DXOs Lens test results are so useless. They rate it less than the Otus, as they should, however all of the measures they choose to exhibit would otherwise indicate that the new Sigma 50 should be the better lens. Comparatively, it has the same resolution, better transmission, less distortion, and less CA than the Otus. Only in a footnote do you actually learn why DXO rates the Otus higher: It has sharper corners. 

Bleh. DXO. Bleh. It's like they just barf up test results and let the chunks & giblets remain where they plop. 

I think the world would be well-served if DXO just gave up on lens tests alltogether, nuked their lens tests database, and just stuck with sensor tests. (And furthermore, I think the world would be better served if DXO did away with scalar test "scores"...just as useless as the chunks and giblets that is their lens tests.)


----------



## Viggo (Apr 17, 2014)

jrista said:


> *Sigh*
> 
> Comparatively, it has the same resolution, better transmission, less distortion, and less CA than the Otus.



Sigma is 1.7 T stop vs Otus at 1.5 T stop.


----------



## jrista (Apr 17, 2014)

Viggo said:


> jrista said:
> 
> 
> > *Sigh*
> ...



Ah, you are right. 

Regardless, the Sigma looks like an excellent lens, and at only a quarter the cost of the Otus.


----------



## jdramirez (Apr 17, 2014)

At least we have more gas to put on the fire... it will keep us busy until the damn lens is released... and then we get to be excited or disappointed based on our own experiences.


----------



## Viggo (Apr 17, 2014)

jrista said:


> Viggo said:
> 
> 
> > jrista said:
> ...



I agree completely, this could be a really epic winner.

I've said it before and I'll say it again, when they go all in, it's always a success.


----------



## CarlMillerPhoto (Apr 17, 2014)

I submitted my preorder on B&H 3 hours after they started taking them (so at like 3am EST). Think my spot in line is good enough to be fulfilled with the first shipment? I would think so, but I don't have any previous experience with preorders.


----------



## brad-man (Apr 17, 2014)

Well, there's around a 13 month separation between the game-changing release of the 35A and the equally game-changing release of the 50A _(relevancy?)_. So which lens is slated for next year? I'm hoping for the 85, though I suspect it will be a 24. 135 f/2 anyone?

Who would have thought just a few short years ago, that Sigma would become the preeminent AF lens manufacturer? Certainly not me...


----------



## CarlMillerPhoto (Apr 18, 2014)

brad-man said:


> Well, there's around a 13 month separation between the game-changing release of the 35A and the equally game-changing release of the 50A _(relevancy?)_. So which lens is slated for next year? I'm hoping for the 85, though I suspect it will be a 24. 135 f/2 anyone?
> 
> Who would have thought just a few short years ago, that Sigma would become the preeminent AF lens manufacturer? Certainly not me...
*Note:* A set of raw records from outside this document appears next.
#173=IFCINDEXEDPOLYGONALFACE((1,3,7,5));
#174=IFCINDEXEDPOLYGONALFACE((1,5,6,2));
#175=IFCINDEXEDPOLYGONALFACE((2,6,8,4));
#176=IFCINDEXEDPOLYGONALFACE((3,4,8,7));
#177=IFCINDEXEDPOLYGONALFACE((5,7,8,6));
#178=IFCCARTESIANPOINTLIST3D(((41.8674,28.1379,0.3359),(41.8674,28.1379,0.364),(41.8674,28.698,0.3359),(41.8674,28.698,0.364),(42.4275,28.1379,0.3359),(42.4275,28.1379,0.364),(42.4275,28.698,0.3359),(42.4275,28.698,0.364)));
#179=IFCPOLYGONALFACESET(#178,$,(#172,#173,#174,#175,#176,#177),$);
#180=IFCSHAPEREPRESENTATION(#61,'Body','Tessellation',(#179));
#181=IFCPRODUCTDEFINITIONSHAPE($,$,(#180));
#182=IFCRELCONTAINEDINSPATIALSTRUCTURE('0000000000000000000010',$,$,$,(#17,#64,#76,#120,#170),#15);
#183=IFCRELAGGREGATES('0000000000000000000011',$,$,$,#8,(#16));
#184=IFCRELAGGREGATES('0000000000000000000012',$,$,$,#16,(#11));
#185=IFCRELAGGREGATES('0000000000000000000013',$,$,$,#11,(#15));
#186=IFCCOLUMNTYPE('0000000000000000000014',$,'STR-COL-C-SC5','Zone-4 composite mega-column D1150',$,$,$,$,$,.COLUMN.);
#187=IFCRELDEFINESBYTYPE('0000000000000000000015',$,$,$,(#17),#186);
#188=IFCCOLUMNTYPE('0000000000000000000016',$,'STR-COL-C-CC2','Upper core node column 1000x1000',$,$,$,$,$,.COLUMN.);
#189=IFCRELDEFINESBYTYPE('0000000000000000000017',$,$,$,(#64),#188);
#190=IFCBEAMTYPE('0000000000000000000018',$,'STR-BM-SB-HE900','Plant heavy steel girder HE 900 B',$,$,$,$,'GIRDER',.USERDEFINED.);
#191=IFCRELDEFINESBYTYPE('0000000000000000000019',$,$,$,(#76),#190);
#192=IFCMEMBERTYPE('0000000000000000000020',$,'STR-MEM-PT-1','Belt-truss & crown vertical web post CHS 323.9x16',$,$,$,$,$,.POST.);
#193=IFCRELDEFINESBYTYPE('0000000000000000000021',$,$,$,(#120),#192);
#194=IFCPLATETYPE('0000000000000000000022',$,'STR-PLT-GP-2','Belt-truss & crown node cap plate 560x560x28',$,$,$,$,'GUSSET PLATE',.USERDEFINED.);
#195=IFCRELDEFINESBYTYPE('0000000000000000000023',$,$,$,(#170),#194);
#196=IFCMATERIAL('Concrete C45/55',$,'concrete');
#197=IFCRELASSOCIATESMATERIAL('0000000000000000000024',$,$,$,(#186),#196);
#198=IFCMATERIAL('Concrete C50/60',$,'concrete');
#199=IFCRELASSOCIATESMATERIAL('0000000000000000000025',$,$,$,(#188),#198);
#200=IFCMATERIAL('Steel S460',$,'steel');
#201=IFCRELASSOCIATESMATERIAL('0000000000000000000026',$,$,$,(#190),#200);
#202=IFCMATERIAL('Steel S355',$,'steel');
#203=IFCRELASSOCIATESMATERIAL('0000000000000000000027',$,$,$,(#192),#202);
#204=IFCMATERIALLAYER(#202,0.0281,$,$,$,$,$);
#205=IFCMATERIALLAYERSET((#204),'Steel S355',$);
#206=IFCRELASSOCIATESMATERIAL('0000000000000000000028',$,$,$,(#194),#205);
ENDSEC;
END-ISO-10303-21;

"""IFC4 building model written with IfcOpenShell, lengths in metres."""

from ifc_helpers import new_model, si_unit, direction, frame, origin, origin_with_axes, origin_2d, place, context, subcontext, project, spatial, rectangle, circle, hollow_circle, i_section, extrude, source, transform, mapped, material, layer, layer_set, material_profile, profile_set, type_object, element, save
24mm f/1.4 next please. Not impressed with the SamRokin 24mm, and the Canon is ungodly expensive.

Wouldn't this be a nice Sigma Roadmap ;D

35mm f/1.4 Art - $899
50mm f/1.4 Art - $950
24mm f/1.4 Art - $950
85mm f/1.4 Art - $799
135mm f/1.8 OS Art - $950

At the current rate, my bag will have nothing but Sigma primes and Tamron Zooms lol. Although if a 24mm & 85mm continue on Sigma's new level of quality, by the time a stabilized 135mm f/1.8 is released it should be priced at $2,000. Not that I want to pay that much (and probably wouldn't), but I'd like to see the new Sigma quality truly recognized, if that make sense.


----------



## Radiating (Apr 18, 2014)

CarlMillerPhoto said:


> brad-man said:
> 
> 
> > Well, there's around a 13 month separation between the game-changing release of the 35A and the equally game-changing release of the 50A _(relevancy?)_. So which lens is slated for next year? I'm hoping for the 85, though I suspect it will be a 24. 135 f/2 anyone?
> ...



Honestly I'm really wishing for this to happen, a whole line of world beating primes, would make me amazingly happy to have in my bag. 
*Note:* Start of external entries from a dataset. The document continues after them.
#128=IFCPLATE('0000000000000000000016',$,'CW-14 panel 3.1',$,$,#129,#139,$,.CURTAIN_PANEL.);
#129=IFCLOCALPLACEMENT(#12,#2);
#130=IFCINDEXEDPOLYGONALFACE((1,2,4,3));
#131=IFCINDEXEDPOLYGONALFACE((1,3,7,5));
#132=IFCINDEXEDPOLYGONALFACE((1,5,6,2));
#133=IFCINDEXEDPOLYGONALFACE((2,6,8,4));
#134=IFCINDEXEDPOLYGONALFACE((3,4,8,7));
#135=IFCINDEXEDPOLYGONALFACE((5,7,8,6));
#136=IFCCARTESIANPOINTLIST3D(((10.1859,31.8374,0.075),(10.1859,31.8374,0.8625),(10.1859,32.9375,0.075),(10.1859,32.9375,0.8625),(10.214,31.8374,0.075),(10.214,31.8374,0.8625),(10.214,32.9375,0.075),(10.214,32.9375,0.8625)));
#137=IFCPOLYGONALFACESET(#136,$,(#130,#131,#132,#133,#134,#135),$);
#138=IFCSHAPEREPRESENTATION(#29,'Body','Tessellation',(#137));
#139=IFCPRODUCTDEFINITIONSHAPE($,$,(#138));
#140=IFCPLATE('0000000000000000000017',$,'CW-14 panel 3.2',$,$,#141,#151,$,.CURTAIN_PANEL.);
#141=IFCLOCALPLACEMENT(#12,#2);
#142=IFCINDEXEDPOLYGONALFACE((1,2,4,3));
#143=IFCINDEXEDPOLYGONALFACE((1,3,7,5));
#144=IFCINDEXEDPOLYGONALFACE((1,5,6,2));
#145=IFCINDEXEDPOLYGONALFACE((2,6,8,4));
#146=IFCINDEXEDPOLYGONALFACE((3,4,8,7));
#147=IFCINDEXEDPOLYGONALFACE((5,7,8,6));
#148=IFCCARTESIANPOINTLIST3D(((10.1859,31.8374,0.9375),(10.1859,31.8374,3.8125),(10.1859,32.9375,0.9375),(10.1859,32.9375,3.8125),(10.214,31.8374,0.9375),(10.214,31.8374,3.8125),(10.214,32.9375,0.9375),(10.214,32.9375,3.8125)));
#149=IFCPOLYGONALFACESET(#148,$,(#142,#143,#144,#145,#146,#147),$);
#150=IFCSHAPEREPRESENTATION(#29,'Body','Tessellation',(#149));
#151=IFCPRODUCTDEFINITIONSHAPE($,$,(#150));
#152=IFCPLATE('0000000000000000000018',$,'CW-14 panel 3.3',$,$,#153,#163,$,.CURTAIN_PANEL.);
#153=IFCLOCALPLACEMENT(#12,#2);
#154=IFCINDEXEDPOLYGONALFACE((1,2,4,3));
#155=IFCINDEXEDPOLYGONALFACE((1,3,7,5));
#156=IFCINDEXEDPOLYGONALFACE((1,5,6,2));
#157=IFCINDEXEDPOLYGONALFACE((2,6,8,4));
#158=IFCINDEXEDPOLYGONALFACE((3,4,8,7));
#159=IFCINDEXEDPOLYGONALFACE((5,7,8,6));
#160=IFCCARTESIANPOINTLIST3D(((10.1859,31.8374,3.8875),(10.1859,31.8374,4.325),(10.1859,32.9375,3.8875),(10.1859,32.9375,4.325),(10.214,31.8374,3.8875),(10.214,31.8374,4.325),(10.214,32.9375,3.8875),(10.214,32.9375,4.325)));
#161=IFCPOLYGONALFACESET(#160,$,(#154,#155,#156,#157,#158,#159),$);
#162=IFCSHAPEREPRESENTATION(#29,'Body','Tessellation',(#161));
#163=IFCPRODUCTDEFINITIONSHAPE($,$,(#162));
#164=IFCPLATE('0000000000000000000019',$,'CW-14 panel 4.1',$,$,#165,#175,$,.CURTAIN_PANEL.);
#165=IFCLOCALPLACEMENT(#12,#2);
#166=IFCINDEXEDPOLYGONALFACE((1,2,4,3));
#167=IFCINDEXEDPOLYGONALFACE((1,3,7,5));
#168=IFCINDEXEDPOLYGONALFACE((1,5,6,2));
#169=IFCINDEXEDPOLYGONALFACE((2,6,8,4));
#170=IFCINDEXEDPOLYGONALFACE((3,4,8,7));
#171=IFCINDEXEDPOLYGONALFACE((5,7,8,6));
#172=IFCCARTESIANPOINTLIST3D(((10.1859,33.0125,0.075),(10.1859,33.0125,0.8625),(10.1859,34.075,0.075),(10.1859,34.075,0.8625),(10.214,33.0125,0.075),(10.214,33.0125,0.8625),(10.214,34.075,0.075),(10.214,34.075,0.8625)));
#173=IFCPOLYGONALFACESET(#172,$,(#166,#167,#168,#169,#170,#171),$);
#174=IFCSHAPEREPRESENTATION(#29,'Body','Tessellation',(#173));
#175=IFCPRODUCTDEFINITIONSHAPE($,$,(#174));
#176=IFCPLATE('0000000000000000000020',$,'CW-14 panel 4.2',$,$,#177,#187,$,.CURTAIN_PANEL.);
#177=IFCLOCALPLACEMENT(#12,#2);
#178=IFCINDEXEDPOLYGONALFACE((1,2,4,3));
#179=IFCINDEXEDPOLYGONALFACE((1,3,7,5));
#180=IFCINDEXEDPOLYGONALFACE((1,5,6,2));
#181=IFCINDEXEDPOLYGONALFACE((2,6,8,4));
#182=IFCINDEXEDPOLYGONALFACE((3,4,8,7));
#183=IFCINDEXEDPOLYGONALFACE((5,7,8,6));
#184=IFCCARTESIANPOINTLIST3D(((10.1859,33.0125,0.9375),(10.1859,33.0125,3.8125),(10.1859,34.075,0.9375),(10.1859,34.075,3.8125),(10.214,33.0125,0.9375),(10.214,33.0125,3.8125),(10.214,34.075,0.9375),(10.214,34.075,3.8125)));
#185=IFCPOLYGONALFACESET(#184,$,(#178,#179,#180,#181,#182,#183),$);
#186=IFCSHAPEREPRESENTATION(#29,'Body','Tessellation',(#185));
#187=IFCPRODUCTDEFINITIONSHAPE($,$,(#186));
Plus the rumors of the 24-70mm f/2.0 and Sigma wide angle zoom have me even more excited. If Sigma is fast enough to the game, photographers in a few years might just shoot with their favorites first party bodies and nothing but Sigma lenses...


----------



## yeahyoung (Apr 18, 2014)

jrista said:


> *Sigh*
> 
> DXOs Lens test results are so useless. They rate it less than the Otus, as they should, however all of the measures they choose to exhibit would otherwise indicate that the new Sigma 50 should be the better lens. Comparatively, it has the same resolution, better transmission, less distortion, and less CA than the Otus. Only in a footnote do you actually learn why DXO rates the Otus higher: It has sharper corners.
> 
> ...



Sigma's scores were based on measures at F2, Otus F1.4.


----------



## SoullessPolack (Apr 18, 2014)

Why does everyone seem to think they're going to make a 135mm f/1.8? And why does everyone think it's going to be a f/1.8 instead of f2?


----------



## verysimplejason (Apr 18, 2014)

This will be my first 50mm upgrade if reviews would find AF to be fine on 6D.


----------



## CarlMillerPhoto (Apr 18, 2014)

SoullessPolack said:


> Why does everyone seem to think they're going to make a 135mm f/1.8? And why does everyone think it's going to be a f/1.8 instead of f2?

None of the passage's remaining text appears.